Abstract

A case is reported of a 47-year-old female patient who suffered from massive tumour embolism during a nephrectomy for a renal carcinoma invading the inferior vena cava. Intraoperative monitoring consisted in direct blood pressure measurement (radial artery cannula), central haemodynamic monitoring (Swan-Ganz catheter), pulse oximetry and capnography. During the surgical manipulation of the suprahepatic vena cava, Petco 2 suddenly decreased (from 25 mmHg to 14 mmHg), together with Spo 2 (from 99 % to 89 %), and the mean pulmonary arterial pressure increased from 18 mmHg to 40 mmHg. The drop in arterial blood pressure to 50/30 mmHg, initiated an immediate sternotomy. After clamping the superior and inferior venae cavae, numerous tumour fragments were removed from the pulmonary artery. Cardiac activity restarted after internal cardiac massage, 1 mg adrenaline, 1 g calcium chloride and 150 mmol of molar sodium bicarbonate. The whole procedure lasted 30 min. Arterial blood pressure became stable at 110/50 mmHg, pulmonary arterial and wedge pressures at 20 and 5 mmHg. The Spo 2 increased to 98 %, and Petco 2 to 25 mmHg.

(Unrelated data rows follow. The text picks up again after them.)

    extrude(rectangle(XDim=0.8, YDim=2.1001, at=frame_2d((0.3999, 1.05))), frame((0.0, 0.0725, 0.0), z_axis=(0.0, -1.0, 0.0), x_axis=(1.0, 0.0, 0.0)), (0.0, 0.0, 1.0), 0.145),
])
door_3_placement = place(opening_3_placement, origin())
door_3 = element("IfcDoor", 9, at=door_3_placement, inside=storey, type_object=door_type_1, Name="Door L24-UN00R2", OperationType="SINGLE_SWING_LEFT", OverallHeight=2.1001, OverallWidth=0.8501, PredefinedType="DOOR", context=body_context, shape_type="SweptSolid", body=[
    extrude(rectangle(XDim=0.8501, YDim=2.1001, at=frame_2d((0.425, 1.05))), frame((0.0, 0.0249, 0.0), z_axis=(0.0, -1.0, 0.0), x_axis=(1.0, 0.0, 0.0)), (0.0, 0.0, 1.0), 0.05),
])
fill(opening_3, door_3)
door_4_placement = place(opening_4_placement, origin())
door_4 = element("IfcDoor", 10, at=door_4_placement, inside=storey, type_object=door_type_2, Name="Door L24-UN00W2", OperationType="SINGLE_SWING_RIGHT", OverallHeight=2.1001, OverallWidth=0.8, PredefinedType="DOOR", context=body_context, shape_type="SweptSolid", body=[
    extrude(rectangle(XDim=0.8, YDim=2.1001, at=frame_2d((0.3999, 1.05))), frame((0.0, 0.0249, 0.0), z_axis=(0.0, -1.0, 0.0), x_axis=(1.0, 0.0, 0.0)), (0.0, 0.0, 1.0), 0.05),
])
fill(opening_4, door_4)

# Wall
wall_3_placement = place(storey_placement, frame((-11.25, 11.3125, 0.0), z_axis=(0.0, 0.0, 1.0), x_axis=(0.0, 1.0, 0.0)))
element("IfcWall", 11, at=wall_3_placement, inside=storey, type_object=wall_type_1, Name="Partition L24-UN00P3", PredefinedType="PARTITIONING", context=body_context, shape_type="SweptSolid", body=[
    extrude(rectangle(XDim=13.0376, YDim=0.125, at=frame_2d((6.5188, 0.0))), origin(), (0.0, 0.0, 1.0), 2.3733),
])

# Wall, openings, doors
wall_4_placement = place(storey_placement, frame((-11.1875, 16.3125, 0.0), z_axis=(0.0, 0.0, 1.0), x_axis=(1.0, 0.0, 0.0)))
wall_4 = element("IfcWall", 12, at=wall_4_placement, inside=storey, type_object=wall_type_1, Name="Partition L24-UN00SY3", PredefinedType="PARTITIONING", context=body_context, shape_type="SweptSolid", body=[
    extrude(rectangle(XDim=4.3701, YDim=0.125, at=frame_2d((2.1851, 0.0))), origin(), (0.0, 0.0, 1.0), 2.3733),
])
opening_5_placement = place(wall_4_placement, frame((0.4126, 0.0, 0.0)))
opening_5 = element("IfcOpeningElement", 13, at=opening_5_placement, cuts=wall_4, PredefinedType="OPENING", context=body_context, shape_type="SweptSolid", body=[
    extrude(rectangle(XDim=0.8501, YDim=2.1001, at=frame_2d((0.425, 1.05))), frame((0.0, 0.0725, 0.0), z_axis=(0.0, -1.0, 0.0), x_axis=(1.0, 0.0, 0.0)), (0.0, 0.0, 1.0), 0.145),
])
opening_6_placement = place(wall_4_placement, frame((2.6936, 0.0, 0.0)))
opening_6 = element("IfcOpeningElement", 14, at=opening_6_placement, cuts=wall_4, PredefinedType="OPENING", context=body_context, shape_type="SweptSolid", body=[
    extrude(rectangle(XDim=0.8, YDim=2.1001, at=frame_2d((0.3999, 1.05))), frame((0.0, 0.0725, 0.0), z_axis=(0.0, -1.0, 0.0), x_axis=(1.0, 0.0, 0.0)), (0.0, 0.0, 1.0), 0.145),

The nephrectomy was then carried out, the patient being given 5 μg · kg −1 · min −1 dobutamine and 3 μg · kg −1 · min −1 dopamine. At the end of surgery, systolic blood pressure was 120 mmHg, mean pulmonary arterial pressure 25 mmHg, and Paco 2 34 mmHg. The patient left the intensive care unit after twelve days. After one year of follow-up, no complication had occurred. The value of cardiopulmonary bypass in nephrectomy for renal carcinoma invading the vena cava, or the renal vein, is discussed. Pulse oximetry and capnography helped to make an early diagnosis of tumour embolism ; the usefulness of this type of monitoring is underlined.